All eight were sent “letters of precautionary suspension resulting from past internal audit and forensic reports that were not implemented by management.”


One of them, Transnet property group executive Thabo Lebelo, opted to resign, but the others have not been named. Transnet acting CEO Tau Morwe said that they ranged from general managers to executive managers.


Transnet spokesperson Molatwane Likhethe said that the suspensions were the result of 345 detailed reports that had been compiled during the company’s various corruption investigations. Morwe also said that an external auditor had been appointed to conclude and finalise the recommendations made in the reports, but that there would be a fair disciplinary processes for all those implicated. The external auditors have been working with Transnet since the start of this year.


Only some of those implicated have thus far been dismissed and Transnet appears to have received complaints from employees that many of the accused remained in their posts. Given the statements made, it seems likely that there will be further dismissals. Likhethe added that the suspensions would be handled in an open and transparent manner in order to ensure good governance and restore integrity at Transnet.

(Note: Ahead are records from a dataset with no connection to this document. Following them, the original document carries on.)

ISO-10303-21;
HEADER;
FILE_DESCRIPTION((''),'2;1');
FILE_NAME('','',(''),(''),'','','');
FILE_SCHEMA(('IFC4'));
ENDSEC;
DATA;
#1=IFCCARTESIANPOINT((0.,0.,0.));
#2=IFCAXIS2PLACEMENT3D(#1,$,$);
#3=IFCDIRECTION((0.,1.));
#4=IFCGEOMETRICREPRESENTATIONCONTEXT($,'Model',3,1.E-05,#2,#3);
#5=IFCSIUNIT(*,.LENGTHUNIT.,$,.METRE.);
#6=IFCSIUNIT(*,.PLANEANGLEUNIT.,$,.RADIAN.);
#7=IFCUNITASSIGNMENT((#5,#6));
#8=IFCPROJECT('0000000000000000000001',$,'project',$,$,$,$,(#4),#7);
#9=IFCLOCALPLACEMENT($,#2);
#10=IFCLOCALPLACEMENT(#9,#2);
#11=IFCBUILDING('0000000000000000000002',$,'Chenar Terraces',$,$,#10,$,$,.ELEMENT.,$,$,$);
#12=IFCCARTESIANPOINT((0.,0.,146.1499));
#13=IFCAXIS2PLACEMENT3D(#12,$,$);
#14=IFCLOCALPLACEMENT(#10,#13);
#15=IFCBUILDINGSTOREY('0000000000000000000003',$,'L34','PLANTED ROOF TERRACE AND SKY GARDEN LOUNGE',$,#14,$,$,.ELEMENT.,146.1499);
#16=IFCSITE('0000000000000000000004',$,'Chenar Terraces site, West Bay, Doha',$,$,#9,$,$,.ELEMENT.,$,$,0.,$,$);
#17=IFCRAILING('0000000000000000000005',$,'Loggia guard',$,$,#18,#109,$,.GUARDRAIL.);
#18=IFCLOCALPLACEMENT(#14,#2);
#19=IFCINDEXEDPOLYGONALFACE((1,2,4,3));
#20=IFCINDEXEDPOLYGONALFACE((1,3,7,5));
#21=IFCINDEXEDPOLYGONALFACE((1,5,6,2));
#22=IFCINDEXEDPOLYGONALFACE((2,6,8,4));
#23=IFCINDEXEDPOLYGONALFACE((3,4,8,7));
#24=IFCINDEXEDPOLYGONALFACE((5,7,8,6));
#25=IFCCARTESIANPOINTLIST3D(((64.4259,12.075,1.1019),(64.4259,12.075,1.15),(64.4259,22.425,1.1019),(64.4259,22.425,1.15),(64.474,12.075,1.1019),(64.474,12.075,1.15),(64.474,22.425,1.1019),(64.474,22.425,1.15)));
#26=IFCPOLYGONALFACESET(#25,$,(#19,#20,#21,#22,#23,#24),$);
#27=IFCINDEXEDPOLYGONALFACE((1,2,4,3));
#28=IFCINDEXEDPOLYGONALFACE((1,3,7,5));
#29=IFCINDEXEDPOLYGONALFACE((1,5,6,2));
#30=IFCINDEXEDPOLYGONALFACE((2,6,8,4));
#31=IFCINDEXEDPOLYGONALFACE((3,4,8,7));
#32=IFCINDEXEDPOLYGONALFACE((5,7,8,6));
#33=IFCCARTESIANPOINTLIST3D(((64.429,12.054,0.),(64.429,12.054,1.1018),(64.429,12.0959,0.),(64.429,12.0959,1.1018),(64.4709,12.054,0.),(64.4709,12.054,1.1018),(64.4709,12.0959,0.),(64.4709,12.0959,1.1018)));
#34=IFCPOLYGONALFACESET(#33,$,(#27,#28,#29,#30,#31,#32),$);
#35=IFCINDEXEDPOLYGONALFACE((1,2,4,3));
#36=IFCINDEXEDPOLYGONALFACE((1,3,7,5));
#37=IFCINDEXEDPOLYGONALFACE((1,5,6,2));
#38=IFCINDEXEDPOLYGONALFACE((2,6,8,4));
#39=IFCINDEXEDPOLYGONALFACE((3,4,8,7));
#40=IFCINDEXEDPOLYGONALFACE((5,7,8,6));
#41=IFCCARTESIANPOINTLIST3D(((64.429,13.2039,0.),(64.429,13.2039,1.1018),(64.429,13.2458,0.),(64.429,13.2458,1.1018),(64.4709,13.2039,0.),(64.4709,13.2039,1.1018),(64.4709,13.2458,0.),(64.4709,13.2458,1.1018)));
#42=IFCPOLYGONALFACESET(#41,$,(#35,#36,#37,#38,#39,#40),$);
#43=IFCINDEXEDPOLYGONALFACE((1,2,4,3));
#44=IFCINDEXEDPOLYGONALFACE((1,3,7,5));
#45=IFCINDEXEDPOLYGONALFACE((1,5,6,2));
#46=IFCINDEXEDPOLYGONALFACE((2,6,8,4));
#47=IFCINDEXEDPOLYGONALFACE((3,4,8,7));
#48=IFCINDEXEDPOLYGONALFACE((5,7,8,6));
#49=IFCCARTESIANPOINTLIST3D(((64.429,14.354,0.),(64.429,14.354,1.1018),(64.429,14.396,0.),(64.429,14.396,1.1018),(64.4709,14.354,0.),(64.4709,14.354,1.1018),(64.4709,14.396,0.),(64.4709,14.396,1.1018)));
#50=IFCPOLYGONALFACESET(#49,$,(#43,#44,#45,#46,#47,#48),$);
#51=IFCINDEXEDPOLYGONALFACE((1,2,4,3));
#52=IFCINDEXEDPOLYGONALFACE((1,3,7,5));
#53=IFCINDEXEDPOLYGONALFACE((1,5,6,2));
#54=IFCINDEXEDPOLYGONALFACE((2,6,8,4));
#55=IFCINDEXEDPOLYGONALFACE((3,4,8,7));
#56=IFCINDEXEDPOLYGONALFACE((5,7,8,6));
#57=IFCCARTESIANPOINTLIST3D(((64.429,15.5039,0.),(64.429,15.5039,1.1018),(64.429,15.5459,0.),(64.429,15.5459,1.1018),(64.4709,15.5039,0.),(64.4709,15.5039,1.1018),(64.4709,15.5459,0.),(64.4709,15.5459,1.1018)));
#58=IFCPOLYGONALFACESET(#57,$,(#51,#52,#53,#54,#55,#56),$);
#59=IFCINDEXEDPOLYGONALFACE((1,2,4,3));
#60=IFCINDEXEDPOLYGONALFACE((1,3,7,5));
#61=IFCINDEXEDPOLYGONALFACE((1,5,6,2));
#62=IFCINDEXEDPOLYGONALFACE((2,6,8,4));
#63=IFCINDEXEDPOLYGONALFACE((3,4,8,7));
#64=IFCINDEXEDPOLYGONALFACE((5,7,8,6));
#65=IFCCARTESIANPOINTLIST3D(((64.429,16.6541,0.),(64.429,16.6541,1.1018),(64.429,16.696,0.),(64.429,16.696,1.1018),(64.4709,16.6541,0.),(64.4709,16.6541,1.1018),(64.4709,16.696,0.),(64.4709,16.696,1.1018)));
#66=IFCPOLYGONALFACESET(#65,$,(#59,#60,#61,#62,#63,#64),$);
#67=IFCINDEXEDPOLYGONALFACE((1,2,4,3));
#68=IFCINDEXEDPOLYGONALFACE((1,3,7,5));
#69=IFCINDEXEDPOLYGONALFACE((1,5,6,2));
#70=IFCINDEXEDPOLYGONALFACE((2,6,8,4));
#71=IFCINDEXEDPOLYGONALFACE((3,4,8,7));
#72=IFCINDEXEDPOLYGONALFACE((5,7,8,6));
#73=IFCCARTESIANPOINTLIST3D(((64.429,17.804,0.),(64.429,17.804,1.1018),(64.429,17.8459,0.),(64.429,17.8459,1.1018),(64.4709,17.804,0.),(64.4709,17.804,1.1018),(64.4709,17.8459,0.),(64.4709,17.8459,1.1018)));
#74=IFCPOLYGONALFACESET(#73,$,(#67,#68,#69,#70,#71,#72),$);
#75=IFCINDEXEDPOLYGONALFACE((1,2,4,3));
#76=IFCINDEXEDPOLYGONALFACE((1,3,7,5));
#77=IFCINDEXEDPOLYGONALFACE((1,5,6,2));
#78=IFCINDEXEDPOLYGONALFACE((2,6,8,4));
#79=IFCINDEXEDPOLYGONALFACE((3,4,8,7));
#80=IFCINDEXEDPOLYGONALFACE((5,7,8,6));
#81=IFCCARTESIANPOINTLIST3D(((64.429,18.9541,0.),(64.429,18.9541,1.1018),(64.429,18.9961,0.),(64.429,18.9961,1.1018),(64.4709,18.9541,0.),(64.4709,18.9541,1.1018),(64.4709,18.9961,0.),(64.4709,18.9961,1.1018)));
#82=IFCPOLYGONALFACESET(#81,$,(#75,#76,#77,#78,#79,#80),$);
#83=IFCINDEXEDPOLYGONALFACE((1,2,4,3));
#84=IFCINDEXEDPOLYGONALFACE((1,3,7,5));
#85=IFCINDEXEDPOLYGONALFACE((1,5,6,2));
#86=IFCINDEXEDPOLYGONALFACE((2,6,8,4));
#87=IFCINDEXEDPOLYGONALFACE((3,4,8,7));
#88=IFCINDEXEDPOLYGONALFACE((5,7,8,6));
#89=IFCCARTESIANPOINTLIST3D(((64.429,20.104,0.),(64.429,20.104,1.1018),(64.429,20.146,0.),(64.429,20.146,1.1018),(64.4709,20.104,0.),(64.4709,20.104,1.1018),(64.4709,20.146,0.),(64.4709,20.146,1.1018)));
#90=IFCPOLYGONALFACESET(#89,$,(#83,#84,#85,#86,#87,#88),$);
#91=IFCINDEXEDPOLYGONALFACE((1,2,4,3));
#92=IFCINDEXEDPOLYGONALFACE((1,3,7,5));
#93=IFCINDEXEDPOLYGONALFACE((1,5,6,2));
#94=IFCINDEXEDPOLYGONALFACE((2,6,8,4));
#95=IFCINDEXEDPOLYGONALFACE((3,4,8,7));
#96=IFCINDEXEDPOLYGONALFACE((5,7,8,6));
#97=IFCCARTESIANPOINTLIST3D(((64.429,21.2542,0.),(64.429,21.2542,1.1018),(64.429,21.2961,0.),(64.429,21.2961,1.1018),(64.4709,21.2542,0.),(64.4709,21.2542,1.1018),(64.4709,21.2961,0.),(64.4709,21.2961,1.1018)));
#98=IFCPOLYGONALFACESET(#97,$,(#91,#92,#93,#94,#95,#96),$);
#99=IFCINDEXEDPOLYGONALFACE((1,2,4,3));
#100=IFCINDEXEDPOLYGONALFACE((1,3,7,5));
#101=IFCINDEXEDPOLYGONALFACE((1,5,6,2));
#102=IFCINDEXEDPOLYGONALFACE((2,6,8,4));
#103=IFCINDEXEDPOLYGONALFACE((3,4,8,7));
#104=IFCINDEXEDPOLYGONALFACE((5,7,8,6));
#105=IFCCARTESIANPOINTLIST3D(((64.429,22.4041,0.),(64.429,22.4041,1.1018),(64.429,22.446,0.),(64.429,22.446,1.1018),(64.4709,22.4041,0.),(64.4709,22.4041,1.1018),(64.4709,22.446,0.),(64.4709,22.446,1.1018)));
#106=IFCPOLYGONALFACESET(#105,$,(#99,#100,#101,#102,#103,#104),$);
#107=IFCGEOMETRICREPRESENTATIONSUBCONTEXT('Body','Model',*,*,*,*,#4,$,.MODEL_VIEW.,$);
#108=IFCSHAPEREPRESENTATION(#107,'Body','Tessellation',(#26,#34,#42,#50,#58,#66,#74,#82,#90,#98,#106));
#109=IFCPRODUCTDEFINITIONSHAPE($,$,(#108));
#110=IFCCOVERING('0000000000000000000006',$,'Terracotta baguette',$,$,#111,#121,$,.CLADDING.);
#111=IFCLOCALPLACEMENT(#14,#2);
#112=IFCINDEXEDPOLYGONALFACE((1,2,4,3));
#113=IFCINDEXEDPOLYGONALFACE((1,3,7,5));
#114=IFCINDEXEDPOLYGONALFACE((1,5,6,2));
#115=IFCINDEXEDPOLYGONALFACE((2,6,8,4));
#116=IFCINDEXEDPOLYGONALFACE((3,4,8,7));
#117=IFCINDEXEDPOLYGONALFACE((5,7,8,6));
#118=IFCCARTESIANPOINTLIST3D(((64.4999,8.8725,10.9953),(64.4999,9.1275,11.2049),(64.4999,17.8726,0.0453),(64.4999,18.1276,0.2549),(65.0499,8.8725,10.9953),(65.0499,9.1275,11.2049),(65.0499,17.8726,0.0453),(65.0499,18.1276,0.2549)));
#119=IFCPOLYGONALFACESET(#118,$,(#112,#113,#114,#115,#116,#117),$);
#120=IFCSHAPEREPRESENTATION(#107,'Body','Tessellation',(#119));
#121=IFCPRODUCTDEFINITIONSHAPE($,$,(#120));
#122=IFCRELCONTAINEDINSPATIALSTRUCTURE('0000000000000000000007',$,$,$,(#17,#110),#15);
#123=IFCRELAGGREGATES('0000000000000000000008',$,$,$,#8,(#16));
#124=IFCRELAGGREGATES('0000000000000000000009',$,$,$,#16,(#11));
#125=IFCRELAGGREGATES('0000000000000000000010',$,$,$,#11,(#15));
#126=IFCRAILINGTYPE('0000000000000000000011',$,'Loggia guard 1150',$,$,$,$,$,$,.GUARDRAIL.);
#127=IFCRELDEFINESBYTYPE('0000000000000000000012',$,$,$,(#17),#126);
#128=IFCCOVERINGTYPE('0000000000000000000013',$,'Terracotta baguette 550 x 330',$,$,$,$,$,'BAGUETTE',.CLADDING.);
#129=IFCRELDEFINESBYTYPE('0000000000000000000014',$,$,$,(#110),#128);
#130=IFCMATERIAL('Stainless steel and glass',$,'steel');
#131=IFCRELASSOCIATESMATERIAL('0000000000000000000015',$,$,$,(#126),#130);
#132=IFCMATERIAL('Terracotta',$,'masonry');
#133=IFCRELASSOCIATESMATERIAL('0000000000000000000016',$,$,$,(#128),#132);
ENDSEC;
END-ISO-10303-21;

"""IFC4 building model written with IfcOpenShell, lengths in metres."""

from ifc_helpers import new_model, si_unit, direction, frame, origin, origin_2d, place, context, subcontext, project, spatial, rectangle, extrude, material, material_profile, profile_set, type_object, element, save


model = new_model("IFC4")

# Units and contexts
model_context = context("Model", 3, precision=1e-05, world=origin(), true_north=direction((0.0, 1.0)))
body_context = subcontext(model_context, "Body", "Model", "MODEL_VIEW")
ifc_project = project(units=[si_unit("LENGTHUNIT", "METRE"), si_unit("PLANEANGLEUNIT", "RADIAN")], contexts=[model_context])

# Site, building, storey
site_placement = place(None, origin())
site = spatial("IfcSite", under=ifc_project, at=site_placement, Name="Chenar Terraces site, West Bay, Doha", CompositionType="ELEMENT", RefElevation=0.0)
building_placement = place(site_placement, origin())
building = spatial("IfcBuilding", under=site, at=building_placement, Name="Chenar Terraces", CompositionType="ELEMENT")
storey_placement = place(building_placement, frame((0.0, 0.0, 146.1499)))
storey = spatial("IfcBuildingStorey", under=building, at=storey_placement, Name="L34", Description="PLANTED ROOF TERRACE AND SKY GARDEN LOUNGE", CompositionType="ELEMENT", Elevation=146.1499)

# Railing
ifc_material_1 = material(Name="Stainless steel and glass", Category="steel")
railing_type = type_object("IfcRailingType", Name="Loggia guard 1150", PredefinedType="GUARDRAIL", material=ifc_material_1)
railing_placement = place(storey_placement, frame((64.45, 12.075, 0.0)))
element("IfcRailing", 1, at=railing_placement, inside=storey, type_object=railing_type, Name="Loggia guard", PredefinedType="GUARDRAIL", context=body_context, shape_type="SweptSolid", body=[
    extrude(rectangle(XDim=0.0481, YDim=0.0481, at=origin_2d()), frame((0.0, 0.0, 1.126), z_axis=(0.0, 1.0, 0.0), x_axis=(-1.0, 0.0, 0.0)), (0.0, 0.0, 1.0), 10.3501),
    extrude(rectangle(XDim=0.042, YDim=0.042, at=origin_2d()), origin(), (0.0, 0.0, 1.0), 1.1018),
    extrude(rectangle(XDim=0.042, YDim=0.042, at=origin_2d()), frame((0.0, 1.1499, 0.0)), (0.0, 0.0, 1.0), 1.1018),
    extrude(rectangle(XDim=0.042, YDim=0.042, at=origin_2d()), frame((0.0, 2.3, 0.0)), (0.0, 0.0, 1.0), 1.1018),
    extrude(rectangle(XDim=0.042, YDim=0.042, at=origin_2d()), frame((0.0, 3.45, 0.0)), (0.0, 0.0, 1.0), 1.1018),
    extrude(rectangle(XDim=0.042, YDim=0.042, at=origin_2d()), frame((0.0, 4.6001, 0.0)), (0.0, 0.0, 1.0), 1.1018),
    extrude(rectangle(XDim=0.042, YDim=0.042, at=origin_2d()), frame((0.0, 5.75, 0.0)), (0.0, 0.0, 1.0), 1.1018),
    extrude(rectangle(XDim=0.042, YDim=0.042, at=origin_2d()), frame((0.0, 6.9001, 0.0)), (0.0, 0.0, 1.0), 1.1018),
    extrude(rectangle(XDim=0.042, YDim=0.042, at=origin_2d()), frame((0.0, 8.05, 0.0)), (0.0, 0.0, 1.0), 1.1018),
    extrude(rectangle(XDim=0.042, YDim=0.042, at=origin_2d()), frame((0.0, 9.2002, 0.0)), (0.0, 0.0, 1.0), 1.1018),
    extrude(rectangle(XDim=0.042, YDim=0.042, at=origin_2d()), frame((0.0, 10.3501, 0.0)), (0.0, 0.0, 1.0), 1.1018),
])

Morwe said that corruption had diverted Transnet’s attention in recent years, with the result that the substantial investment made had not resulted in rising cargo volumes. He pledged that all ongoing projects, including in the container and dry bulk sectors, would be completed because the company is now dealing with its corruption problems.


The most high profile corruption scandal surrounds the purchase of 1064 new locomotives at inflated prices in a contract worth a total of R54B (US$3.8B), with some of the money channelled to intermediaries.


Transnet is in the process of taking legal action to recover some of the money. Those already dismissed include former group CEO Siyabonga Gama.